A Market is much more like
a dance-floor, with a wonderful collection of possible partners. This is a much better mental algorithm.
I share it here, because you have shared your wisdom about your cats - and their nature. That was really interesting and helpful.
So many of us have been beaten bloody by the Markets, and we have sustained painful, soul-hurting losses.
But these losses truly do teach us what we must learn. Once, at the beginning of my serious trading, I lost half my stake - again in
a really stupid, insane trade. I remember using a telephone booth to close the trade (which actually would have gone to zero - shares became worthless), and closing at the 50% loss was the hardest thing I have ever done in my life. But at least
I did not lose *all* my money (it was a lot of money, proceeds from a real-estate sale). I recall walking up Yonge Street (big main drag in my City), and I felt in a horrible daze of physical sick dizzy awfulness.. like in a nightmare - garish
neon lights, laughing happy people. It just hurt so bad, in a way that I could not even process.
But it was a good teaching experience. It was really, really good, actually - but it didn't feel like that at the time.
psychology is *really* important - and I found your notes on "gratitude" really interesting... quite enlightening, actually.
See, because of my horrible/terrible loss - I did many things differently, and the different things I did, worked out really,
really well.But I never would have done them, if I had not been hammered so hard.
So, curious as it sounds, I am honestly grateful for the stupid-awful trade I did, where I lost half my life-money.

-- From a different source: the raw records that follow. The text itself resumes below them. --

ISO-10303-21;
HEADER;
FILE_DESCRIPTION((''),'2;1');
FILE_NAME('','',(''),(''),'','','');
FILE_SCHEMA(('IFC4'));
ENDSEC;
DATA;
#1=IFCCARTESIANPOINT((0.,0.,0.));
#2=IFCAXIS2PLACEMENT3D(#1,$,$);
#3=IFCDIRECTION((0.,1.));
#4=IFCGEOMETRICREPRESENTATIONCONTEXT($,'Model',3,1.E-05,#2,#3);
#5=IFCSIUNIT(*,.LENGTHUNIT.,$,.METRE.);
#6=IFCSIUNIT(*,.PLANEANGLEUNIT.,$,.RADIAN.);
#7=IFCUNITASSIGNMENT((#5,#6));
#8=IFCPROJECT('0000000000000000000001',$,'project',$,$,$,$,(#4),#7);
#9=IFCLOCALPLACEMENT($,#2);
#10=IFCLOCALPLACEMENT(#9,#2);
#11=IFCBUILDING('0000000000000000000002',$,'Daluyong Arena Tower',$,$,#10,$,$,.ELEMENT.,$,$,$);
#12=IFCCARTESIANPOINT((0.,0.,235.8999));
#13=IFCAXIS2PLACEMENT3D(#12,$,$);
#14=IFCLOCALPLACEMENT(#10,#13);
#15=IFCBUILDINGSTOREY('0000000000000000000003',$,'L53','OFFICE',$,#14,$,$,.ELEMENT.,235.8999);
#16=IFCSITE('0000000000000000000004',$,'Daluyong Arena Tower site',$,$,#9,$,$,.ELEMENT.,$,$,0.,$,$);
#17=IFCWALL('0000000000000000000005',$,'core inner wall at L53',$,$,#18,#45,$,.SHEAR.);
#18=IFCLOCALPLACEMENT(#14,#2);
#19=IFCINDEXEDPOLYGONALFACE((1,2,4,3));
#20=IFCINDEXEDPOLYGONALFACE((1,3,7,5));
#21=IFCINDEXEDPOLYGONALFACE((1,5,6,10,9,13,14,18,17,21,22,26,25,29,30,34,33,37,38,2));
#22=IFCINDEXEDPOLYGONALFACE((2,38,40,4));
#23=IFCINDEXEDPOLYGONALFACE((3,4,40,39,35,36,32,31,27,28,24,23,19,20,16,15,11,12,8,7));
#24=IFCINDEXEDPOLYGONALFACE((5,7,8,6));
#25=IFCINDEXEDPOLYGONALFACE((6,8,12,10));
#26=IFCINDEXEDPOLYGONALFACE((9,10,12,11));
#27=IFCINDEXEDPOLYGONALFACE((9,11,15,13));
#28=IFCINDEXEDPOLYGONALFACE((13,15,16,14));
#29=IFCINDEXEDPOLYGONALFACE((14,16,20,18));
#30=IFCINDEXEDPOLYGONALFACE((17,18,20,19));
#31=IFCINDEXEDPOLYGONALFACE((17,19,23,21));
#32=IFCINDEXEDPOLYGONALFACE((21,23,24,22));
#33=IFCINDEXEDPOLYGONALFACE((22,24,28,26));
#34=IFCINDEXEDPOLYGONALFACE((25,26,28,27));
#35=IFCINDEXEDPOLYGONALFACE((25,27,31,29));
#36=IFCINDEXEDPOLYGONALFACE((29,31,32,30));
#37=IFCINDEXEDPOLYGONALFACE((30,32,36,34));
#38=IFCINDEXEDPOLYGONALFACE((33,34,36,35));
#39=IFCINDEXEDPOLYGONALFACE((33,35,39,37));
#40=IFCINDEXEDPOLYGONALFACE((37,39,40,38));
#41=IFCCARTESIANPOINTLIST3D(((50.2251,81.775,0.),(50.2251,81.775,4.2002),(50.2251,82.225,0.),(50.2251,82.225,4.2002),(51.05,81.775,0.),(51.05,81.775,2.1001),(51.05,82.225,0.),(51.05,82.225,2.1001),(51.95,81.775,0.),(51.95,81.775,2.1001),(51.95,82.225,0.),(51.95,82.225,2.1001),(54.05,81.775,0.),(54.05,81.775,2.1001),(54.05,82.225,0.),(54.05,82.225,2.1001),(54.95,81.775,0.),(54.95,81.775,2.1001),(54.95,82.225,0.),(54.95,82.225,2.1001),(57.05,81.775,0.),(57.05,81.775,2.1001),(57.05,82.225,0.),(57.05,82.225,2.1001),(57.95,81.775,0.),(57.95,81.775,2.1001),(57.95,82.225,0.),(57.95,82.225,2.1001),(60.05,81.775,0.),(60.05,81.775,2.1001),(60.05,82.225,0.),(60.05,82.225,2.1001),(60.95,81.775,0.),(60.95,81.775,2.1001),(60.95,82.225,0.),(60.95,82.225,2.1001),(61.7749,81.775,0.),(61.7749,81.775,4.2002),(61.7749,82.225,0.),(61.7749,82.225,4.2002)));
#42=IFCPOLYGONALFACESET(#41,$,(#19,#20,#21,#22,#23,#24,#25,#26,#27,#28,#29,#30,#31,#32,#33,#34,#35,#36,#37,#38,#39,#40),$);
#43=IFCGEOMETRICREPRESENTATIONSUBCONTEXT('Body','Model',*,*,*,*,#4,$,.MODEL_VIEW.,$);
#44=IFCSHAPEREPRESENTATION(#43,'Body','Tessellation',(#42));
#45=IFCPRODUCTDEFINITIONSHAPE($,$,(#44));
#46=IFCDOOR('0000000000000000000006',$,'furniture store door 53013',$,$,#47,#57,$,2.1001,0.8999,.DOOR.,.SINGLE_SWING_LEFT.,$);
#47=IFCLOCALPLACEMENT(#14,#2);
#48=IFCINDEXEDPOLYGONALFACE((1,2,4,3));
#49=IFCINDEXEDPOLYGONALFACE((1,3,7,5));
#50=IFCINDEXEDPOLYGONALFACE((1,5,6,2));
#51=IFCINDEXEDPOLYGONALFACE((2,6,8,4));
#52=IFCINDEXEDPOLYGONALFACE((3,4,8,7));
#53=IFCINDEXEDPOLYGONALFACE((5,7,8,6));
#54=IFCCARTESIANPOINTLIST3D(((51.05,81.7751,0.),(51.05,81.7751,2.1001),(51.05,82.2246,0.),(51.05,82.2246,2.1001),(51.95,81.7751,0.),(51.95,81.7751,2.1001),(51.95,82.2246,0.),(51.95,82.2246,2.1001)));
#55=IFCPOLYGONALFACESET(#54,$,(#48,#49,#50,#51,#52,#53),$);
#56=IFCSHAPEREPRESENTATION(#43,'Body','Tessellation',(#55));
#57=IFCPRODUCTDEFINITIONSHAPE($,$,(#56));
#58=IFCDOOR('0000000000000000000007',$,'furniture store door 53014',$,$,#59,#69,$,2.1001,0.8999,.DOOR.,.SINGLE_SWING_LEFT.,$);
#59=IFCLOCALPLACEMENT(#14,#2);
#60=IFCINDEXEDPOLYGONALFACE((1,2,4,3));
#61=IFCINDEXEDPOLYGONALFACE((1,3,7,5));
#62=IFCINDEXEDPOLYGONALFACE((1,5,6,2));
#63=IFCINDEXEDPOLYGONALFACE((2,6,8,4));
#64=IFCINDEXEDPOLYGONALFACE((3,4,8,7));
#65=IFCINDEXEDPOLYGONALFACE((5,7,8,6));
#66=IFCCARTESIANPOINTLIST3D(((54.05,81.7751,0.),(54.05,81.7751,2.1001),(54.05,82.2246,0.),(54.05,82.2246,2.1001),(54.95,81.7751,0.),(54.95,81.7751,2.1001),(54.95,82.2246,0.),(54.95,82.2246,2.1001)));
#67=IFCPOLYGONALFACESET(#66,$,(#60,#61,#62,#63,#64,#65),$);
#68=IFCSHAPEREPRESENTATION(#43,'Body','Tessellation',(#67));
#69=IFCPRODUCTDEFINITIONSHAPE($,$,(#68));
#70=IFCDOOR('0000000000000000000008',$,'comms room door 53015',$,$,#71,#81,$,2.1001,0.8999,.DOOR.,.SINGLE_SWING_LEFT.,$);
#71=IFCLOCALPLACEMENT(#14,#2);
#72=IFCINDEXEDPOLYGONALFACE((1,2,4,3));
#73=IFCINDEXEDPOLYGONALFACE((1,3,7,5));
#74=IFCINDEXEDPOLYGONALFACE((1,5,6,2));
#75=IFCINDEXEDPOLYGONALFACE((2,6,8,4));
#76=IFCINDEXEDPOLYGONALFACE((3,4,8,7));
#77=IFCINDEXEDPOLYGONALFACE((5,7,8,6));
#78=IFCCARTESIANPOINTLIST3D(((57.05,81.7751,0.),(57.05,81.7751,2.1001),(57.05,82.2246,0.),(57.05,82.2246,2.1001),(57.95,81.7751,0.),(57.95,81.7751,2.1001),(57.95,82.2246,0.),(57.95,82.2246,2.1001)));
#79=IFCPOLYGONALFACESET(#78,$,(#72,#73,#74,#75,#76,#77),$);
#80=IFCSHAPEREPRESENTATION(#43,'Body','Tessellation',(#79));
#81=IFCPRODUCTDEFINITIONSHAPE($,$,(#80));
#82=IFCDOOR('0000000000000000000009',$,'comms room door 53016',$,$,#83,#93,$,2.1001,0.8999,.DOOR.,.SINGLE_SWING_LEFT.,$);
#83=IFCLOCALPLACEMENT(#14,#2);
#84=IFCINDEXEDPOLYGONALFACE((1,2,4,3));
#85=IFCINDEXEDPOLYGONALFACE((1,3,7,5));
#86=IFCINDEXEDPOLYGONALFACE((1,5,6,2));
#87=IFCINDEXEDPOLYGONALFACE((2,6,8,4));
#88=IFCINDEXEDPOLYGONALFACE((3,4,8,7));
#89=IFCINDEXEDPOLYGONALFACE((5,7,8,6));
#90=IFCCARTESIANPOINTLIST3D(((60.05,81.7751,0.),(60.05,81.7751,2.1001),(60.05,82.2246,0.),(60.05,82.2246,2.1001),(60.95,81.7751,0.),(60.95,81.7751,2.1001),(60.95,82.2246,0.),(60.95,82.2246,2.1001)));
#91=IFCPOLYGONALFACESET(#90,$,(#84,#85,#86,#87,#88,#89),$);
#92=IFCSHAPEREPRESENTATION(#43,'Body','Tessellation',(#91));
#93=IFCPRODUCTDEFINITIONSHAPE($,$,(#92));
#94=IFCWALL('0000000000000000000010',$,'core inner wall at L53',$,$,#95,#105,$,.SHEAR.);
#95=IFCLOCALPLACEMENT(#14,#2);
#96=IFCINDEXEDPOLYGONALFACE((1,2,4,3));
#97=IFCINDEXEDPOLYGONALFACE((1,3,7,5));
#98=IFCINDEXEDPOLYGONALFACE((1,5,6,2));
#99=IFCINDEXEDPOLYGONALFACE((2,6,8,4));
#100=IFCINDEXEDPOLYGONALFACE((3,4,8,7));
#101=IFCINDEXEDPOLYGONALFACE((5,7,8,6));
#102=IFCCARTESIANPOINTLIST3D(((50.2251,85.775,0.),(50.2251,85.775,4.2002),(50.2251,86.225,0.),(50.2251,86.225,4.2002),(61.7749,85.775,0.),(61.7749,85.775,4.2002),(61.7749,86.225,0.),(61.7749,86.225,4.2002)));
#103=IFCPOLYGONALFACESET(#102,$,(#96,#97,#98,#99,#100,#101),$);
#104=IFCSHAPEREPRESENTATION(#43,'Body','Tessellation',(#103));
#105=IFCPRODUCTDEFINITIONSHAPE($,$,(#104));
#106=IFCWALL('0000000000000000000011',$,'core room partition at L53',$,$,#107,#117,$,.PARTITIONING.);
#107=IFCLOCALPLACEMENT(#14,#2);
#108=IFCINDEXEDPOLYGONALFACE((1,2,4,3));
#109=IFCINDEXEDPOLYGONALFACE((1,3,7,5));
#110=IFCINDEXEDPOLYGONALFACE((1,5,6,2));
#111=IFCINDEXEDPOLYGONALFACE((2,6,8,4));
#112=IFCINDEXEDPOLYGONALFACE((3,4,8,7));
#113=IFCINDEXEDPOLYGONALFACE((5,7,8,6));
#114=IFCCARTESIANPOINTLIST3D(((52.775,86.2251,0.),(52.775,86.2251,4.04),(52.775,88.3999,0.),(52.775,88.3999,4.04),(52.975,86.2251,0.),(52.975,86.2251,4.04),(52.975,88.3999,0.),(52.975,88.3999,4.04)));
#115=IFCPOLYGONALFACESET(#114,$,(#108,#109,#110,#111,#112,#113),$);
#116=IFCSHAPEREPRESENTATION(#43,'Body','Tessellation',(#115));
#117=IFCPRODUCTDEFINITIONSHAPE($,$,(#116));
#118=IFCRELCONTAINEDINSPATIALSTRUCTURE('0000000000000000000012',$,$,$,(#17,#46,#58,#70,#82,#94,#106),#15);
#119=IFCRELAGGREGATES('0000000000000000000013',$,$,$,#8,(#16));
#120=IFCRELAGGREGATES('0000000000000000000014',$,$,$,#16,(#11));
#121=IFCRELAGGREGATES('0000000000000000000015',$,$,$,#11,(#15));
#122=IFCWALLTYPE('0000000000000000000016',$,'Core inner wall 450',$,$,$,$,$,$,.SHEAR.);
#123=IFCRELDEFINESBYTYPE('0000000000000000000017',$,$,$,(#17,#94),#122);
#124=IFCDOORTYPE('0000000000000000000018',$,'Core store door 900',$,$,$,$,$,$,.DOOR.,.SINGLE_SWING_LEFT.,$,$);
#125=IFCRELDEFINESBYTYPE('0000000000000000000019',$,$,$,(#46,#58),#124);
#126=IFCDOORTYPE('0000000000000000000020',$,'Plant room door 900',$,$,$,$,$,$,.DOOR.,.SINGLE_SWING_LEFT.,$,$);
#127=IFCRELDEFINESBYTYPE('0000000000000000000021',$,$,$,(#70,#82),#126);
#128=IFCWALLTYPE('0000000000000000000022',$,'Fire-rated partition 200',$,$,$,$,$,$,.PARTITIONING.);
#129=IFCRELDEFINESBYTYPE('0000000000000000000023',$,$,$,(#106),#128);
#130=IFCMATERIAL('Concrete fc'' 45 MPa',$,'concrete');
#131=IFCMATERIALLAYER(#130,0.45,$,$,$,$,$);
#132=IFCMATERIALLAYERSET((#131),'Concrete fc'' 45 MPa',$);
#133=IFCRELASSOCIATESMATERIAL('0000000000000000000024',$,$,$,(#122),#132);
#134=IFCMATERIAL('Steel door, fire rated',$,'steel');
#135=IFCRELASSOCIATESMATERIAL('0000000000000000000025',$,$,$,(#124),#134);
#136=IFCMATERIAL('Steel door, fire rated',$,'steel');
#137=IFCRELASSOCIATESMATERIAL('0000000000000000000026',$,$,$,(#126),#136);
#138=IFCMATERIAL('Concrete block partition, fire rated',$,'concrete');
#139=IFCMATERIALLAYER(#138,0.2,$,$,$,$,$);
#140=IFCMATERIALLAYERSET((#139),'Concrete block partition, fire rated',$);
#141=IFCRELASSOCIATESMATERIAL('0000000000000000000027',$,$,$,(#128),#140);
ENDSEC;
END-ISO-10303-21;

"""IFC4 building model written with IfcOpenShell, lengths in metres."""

from ifc_helpers import new_model, si_unit, direction, frame, frame_2d, origin, place, context, subcontext, project, spatial, rectangle, extrude, material, layer, layer_set, type_object, element, fill, save


model = new_model("IFC4")

# Units and contexts
model_context = context("Model", 3, precision=1e-05, world=origin(), true_north=direction((0.0, 1.0)))
body_context = subcontext(model_context, "Body", "Model", "MODEL_VIEW")
ifc_project = project(units=[si_unit("LENGTHUNIT", "METRE"), si_unit("PLANEANGLEUNIT", "RADIAN")], contexts=[model_context])

# Site, building, storey
site_placement = place(None, origin())
site = spatial("IfcSite", under=ifc_project, at=site_placement, Name="Daluyong Arena Tower site", CompositionType="ELEMENT", RefElevation=0.0)
building_placement = place(site_placement, origin())
building = spatial("IfcBuilding", under=site, at=building_placement, Name="Daluyong Arena Tower", CompositionType="ELEMENT")
storey_placement = place(building_placement, frame((0.0, 0.0, 235.8999)))
storey = spatial("IfcBuildingStorey", under=building, at=storey_placement, Name="L53", Description="OFFICE", CompositionType="ELEMENT", Elevation=235.8999)

# Wall, openings, doors
ifc_material_1 = material(Name="Concrete fc' 45 MPa", Category="concrete")
ifc_layer_1 = layer(ifc_material_1, 0.45)
ifc_layer_set_1 = layer_set([ifc_layer_1], Name="Concrete fc' 45 MPa")
wall_type_1 = type_object("IfcWallType", Name="Core inner wall 450", PredefinedType="SHEAR", material=ifc_layer_set_1)
ifc_material_2 = material(Name="Steel door, fire rated", Category="steel")
door_type_1 = type_object("IfcDoorType", Name="Core store door 900", OperationType="SINGLE_SWING_LEFT", PredefinedType="DOOR", material=ifc_material_2)
wall_1_placement = place(storey_placement, frame((50.2251, 82.0, 0.0), z_axis=(0.0, 0.0, 1.0), x_axis=(1.0, 0.0, 0.0)))
wall_1 = element("IfcWall", 1, at=wall_1_placement, inside=storey, type_object=wall_type_1, Name="core inner wall at L53", PredefinedType="SHEAR", context=body_context, shape_type="SweptSolid", body=[
    extrude(rectangle(XDim=11.5498, YDim=0.45, at=frame_2d((5.7749, 0.0))), origin(), (0.0, 0.0, 1.0), 4.2002),
])
opening_1_placement = place(wall_1_placement, frame((0.825, 0.0, 0.0)))
opening_1 = element("IfcOpeningElement", 2, at=opening_1_placement, cuts=wall_1, PredefinedType="OPENING", context=body_context, shape_type="SweptSolid", body=[
    extrude(rectangle(XDim=0.8999, YDim=2.1001, at=frame_2d((0.45, 1.05))), frame((0.0, 0.2349, 0.0), z_axis=(0.0, -1.0, 0.0), x_axis=(1.0, 0.0, 0.0)), (0.0, 0.0, 1.0), 0.47),
])
opening_2_placement = place(wall_1_placement, frame((3.825, 0.0, 0.0)))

Your note from Churchill is very true: "Success
is not final, and Failure is not fatal. What matters is the courage to continue."
Thanx again, Dr. Steenbarger, for posting your work the way your have. It's a noble action.
And hey, I got Covid-19, and I didn't die!
Life is really good. Every single day is better than a bag of gold & diamonds. I won the "you-get-to-live-longer" lottery! That really puts things in perspective...
----- 30 -----
(this "30" is what the old journalists used to write. At first, they would put "XXX" at the end of their articles, so the telegraph-sender would know it was the end. But some joker started putting "30" instead of "XXX", and the "30" just stuck,
since it was an inside joke among reports & wire-writers.)